NSX-T MANAGER and HTTPS services goes down frequently due to incorrect NAT configuration
search cancel

NSX-T MANAGER and HTTPS services goes down frequently due to incorrect NAT configuration

book

Article ID: 317800

calendar_today

Updated On:

Products

VMware NSX

Issue/Introduction

  • Access to the NSX-T manager GUI fails or is intermittent.
  • REST API calls to the NSX-T manager may fail.
  • A new NAT (SNAT or DNAT) rule was added with address: 0.0.0.0/0.
  • The CPU of the NSX-T manager is high.
  • In the NSX-T manager CLI when you run the command 'get cluster status'

You will notice the HTTPS (reverse-proxy) and MANAGER (proton) service is down randomly on different managers, see example below:

Group Type: MANAGER
Group Status: DEGRADED
Members:
UUID FQDN IP STATUS
3a6c0842-####-####-####-##########6f manager01 192.168.110.51 UP
6dd22d42-####-####-####-##########47 manager02 192.168.110.52 UP
0b172d42-####-####-####-##########bb manager03 192.168.110.53 DOWN

Group Type: HTTPS
Group Status: DEGRADED
Members:
UUID FQDN IP STATUS
3a6c0842-####-####-####-##########6f manager01 192.168.110.51 UP
6dd22d42-####-####-####-##########47 manager02 192.168.110.52 UP
0b172d42-####-####-####-##########bb manager03 192.168.110.53 DOWN

Then a few minutes later it may flip to other managers:

Group Type: MANAGER
Group Status: DEGRADED
Members:
UUID FQDN IP STATUS
3a6c0842-####-####-####-##########6f manager01 192.168.110.51 UP
6dd22d42-####-####-####-##########47 manager02 192.168.110.52 DOWN
0b172d42-####-####-####-##########bb manager03 192.168.110.53 UP

Group Type: HTTPS
Group Status: DEGRADED
Members:
UUID FQDN IP STATUS
3a6c0842-####-####-####-##########6f manager01 192.168.110.51 UP
6dd22d42-####-####-####-##########47 manager02 192.168.110.52 DOWN
0b172d42-####-####-####-##########bb manager03 192.168.110.53 UP


You may see log entries in the log '/var/log/proton/proton-tomcat-wrapper.log' which indicate a Java Out of Memory issue:

STATUS | wrapper | 2020/02/03 13:31:31 | The JVM has run out of memory. Requesting thread dump.
STATUS | wrapper | 2020/02/03 13:31:31 | Dumping JVM state.
STATUS | wrapper | 2020/02/03 13:31:31 | The JVM has run out of memory.

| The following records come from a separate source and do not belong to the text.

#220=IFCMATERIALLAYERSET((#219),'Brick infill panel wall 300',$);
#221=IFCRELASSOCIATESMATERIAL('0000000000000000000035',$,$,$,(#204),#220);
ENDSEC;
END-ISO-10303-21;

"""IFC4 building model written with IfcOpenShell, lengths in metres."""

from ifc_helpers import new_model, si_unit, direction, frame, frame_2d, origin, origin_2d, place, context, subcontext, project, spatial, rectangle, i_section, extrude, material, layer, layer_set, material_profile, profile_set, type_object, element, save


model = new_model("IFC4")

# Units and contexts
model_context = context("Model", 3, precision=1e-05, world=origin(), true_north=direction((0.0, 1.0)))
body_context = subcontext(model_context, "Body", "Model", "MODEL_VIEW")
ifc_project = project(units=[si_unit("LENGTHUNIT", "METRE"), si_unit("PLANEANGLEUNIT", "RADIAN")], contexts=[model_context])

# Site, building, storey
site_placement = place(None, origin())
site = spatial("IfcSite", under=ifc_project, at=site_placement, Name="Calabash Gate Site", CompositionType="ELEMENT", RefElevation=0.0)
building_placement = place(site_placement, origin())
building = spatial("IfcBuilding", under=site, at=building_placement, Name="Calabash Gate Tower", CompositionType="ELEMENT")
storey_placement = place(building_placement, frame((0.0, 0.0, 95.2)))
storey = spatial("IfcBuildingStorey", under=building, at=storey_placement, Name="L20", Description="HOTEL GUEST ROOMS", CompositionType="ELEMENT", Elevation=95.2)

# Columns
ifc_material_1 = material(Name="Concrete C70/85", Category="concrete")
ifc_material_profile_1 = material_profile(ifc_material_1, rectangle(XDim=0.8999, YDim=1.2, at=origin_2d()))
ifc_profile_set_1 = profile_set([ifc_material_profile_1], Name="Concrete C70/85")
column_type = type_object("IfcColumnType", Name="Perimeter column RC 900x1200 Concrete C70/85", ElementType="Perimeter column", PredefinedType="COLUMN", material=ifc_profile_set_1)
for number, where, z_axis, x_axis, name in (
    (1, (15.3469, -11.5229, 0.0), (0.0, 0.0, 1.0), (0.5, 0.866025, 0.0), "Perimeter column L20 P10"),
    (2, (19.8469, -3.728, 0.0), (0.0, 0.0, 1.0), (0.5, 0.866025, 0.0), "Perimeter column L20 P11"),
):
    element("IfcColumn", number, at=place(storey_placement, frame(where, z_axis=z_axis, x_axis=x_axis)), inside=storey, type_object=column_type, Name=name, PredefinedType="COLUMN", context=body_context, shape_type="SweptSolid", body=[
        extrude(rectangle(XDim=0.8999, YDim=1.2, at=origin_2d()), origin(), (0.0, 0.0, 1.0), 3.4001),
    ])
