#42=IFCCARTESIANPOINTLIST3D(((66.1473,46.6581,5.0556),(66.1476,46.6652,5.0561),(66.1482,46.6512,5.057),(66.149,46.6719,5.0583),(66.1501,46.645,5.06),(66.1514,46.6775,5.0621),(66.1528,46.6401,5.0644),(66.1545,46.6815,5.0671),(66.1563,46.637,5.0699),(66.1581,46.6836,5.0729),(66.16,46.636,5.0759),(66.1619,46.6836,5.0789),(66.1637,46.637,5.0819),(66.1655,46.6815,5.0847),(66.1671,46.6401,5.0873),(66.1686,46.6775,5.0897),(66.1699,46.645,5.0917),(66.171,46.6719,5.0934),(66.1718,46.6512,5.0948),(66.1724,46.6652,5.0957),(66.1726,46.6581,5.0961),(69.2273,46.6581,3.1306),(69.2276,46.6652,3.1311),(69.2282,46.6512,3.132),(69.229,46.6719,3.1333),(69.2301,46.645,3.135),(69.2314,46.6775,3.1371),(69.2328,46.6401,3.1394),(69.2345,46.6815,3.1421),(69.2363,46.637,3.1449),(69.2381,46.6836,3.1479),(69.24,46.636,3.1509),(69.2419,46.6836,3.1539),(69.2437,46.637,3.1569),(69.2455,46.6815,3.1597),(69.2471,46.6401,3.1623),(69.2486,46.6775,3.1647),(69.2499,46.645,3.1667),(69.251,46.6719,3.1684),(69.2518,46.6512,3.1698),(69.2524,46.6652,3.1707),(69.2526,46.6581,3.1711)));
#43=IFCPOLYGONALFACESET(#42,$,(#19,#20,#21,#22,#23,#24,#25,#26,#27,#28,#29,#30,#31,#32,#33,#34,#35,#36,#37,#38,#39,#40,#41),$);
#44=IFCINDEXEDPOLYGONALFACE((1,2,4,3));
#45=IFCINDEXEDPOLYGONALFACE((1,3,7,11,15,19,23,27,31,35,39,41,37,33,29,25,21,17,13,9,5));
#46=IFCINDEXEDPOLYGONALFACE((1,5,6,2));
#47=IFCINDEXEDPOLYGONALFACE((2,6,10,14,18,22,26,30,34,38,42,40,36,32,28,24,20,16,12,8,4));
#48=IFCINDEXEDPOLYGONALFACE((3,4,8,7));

Restarting JVM.
INFO | jvm 1 | 2020/02/03 13:31:31 | Dumping heap to /image/core/proton_oom.hprof ...
ERROR | wrapper | 2020/02/03 13:32:06 | Shutdown failed: Timed out waiting for signal from JVM.
STATUS | wrapper | 2020/02/03 13:32:06 | Dumping JVM state..
       
STATUS | wrapper | 2020/02/03 13:44:34 | The JVM has run out of memory. Restarting JVM.
INFO | jvm 2 | 2020/02/03 13:44:34 | Dumping heap to /image/core/proton_oom.hprof ...
INFO | jvm 2 | 2020/02/03 13:44:34 | Unable to create /image/core/proton_oom.hprof: File exists
ERROR | wrapper | 2020/02/03 13:45:08 | Shutdown failed: Timed out waiting for signal from JVM.
STATUS | wrapper | 2020/02/03 13:45:08 | Dumping JVM state.
ERROR | wrapper | 2020/02/03 13:45:13 | JVM did not exit on request, termination requested.
STATUS | wrapper | 2020/02/03 13:45:13 | JVM received a signal SIGKILL (9).
STATUS | wrapper | 2020/02/03 13:45:13 | JVM process is gone.



Environment

VMware NSX-T Data Center

Cause

This issue occur due to the process used to evaluate a NAT (SNAT or DNAT) rule which contains the 0.0.0.0/0 address range.
Note: this is the full IPv4 address range.
Currently the manager tries to implement each of these addresses on the loopback of the system.
This amount of processing causes java to run out of memory and the services HTTPS and MANAGER to continuously crash.

Resolution

This issue is resolved in VMware NSX-T Data Center 3.0, available at Broadcom Downloads.


Workaround:
Do not use the range '0.0.0.0/0' when creating NAT rules, please use the word 'ANY' instead.
Once the '0.0.0.0/0' address is changed or removed, all 3 NSX-T managers need to be restarted at the same time.